# Need to uninstall interlink.exe



## notawizard (Mar 7, 2004)

I am not a computer wizard, so please bear with me. Many years ago I used a program called interlink.exe and interlink.svr in which to transfer files from one computer to the other. This did work and each of my computers showed the drives of the other.

My problem right now is that I just purchased a standalone cd drive that I wish to add to my oldest laptop which is running Windows 3.1.

The directions say that the standalone drive will be drive d and it cannot be changed, however, my laptop already thinks that is has a drive d which was actually a drive on the second computer.

So, I imagine that I need to have my oldes laptop NOT think that it can access my other computers drives, but I do not know how to do this.

My old laptop lists drives c, d, e, f, and g.

c is the hardrive, g is the floppy, drives d, e and f came from drives read on my other computer.

Can someone please tell me step by step how to fix my problem?

Thanks


----------



## Lurker1 (Jan 30, 2001)

Hi notawizard

First did your new cdrom come with Dos drivers? If not you may have trouble getting it to run with windows 3.1.

You should be able to open the CONFIG.SYS file on your laptop using notepad and remove the line for interlink. It should say something like Device =D:\Dos\interlink.exe Then save the file that you made changes to in notepad.

If you see intersvr.exe in config.sys remove that line also. 

Or you can remove both programs from (Usually) the C:\dos directory but that will probably cause errors in the config.sys file to be displayed during a boot up.

BOL


----------



## notawizard (Mar 7, 2004)

Hi Lurker1

First let me tell you that the Grinch is my all time favorite hero.

Moving on.

The cd drive that I purchased was brand new, but was specifically designed for Windows 3.1. The driver is on a 3 1/2 disk, and I can access that disk from my stand alone floppy drive that is connected to my laptop via a flat card about the size of a credit card.

This laptop is an IBM model 2489-600. It is running Windows 3.1 and is in grayscale. It is not the newest thing but it does work and that is what counts.

I did go to the config.sys file and took off all lines referencing interlnk.exe and intersvr.exe. Then I shut my laptop down completely, turned it back on, went to file manager and I still get all of these drives listed:

c, d, e, f, g

c is my hard drive on the laptop
g is my floppy drive attached to my laptop (normally this would be the a drive)

Drives d, e, and f were drives that interlnk gave to my laptop when I had this computer connected to a second computer.

Right now clicking on drived d, e and f do nothing.

The manual for my new cd drive says that it MUST be drive D, however, because of running interlnk.exe one upon a time, my laptop automatically thinks that is already had a drive, so that is my main problem.

I want my laptop to only recognize drives a and c when I go to the file manager, not c, d, e, f, and g.

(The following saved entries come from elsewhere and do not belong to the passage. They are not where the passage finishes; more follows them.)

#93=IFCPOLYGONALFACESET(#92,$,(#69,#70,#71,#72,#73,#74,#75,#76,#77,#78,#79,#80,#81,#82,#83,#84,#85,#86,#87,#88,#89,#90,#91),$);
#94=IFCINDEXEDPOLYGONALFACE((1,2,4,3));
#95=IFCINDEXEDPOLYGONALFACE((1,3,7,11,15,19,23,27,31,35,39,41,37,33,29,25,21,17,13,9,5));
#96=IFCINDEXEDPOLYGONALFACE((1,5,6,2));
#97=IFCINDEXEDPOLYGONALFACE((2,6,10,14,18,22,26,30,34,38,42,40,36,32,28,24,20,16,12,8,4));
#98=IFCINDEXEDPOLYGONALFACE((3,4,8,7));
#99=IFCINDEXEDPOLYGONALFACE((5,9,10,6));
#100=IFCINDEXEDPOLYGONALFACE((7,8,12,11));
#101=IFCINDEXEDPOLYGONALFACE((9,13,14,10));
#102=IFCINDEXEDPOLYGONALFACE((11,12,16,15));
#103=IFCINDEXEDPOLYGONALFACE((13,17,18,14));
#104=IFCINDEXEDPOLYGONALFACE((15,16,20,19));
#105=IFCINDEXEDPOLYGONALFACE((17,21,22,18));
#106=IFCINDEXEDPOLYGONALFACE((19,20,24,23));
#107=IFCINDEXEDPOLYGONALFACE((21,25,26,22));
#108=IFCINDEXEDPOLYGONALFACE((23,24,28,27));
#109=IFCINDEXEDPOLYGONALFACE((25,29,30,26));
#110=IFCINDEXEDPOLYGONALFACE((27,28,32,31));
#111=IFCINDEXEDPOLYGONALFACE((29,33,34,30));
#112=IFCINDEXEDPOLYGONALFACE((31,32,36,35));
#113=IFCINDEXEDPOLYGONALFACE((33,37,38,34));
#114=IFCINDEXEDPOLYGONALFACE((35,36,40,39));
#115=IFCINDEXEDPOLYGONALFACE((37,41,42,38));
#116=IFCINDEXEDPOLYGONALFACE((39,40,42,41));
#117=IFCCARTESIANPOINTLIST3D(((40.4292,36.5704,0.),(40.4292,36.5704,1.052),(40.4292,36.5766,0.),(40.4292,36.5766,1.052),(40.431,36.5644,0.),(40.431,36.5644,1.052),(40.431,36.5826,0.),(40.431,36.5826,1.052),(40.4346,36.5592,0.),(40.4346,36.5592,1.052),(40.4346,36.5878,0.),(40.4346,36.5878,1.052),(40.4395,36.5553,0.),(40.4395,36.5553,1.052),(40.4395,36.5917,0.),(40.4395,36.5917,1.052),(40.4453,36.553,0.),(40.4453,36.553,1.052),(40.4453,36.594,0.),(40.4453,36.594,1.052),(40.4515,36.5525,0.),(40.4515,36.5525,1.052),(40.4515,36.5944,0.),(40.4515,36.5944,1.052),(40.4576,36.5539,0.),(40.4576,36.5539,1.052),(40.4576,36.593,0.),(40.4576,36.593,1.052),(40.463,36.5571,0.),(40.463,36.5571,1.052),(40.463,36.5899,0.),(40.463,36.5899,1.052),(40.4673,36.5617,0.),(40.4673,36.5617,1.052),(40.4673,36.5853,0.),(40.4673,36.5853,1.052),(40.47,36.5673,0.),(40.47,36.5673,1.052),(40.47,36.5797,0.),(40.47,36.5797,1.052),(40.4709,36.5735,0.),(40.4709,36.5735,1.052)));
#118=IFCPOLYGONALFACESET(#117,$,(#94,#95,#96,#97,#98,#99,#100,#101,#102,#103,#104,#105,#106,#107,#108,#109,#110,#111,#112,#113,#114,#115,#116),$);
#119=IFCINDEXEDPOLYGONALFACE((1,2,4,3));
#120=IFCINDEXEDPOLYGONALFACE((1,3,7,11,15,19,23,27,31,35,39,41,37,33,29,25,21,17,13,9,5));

I am open to more suggestions here.

I can find lots of stuff on the web on how to install and run interlnk.exe but I cannot find anything that will put my laptop back to what is was before I ran interlnk.exe.

I should also add that right now my computers are NOT connected to each other, but still my laptop thinks this is so.

"Why for 53 years I've put up with this now, I must stop Christmas from coming, but how?"


----------



## notawizard (Mar 7, 2004)

Hi again Lurker1

Do you think possibly that I need to modify the files interlnk.exe and intersvr.exe.

Just a guess as I do not know if perhaps the program modifies itself when it is run


----------



## notawizard (Mar 7, 2004)

Lurker1,

Updating my info since I last emailed this board.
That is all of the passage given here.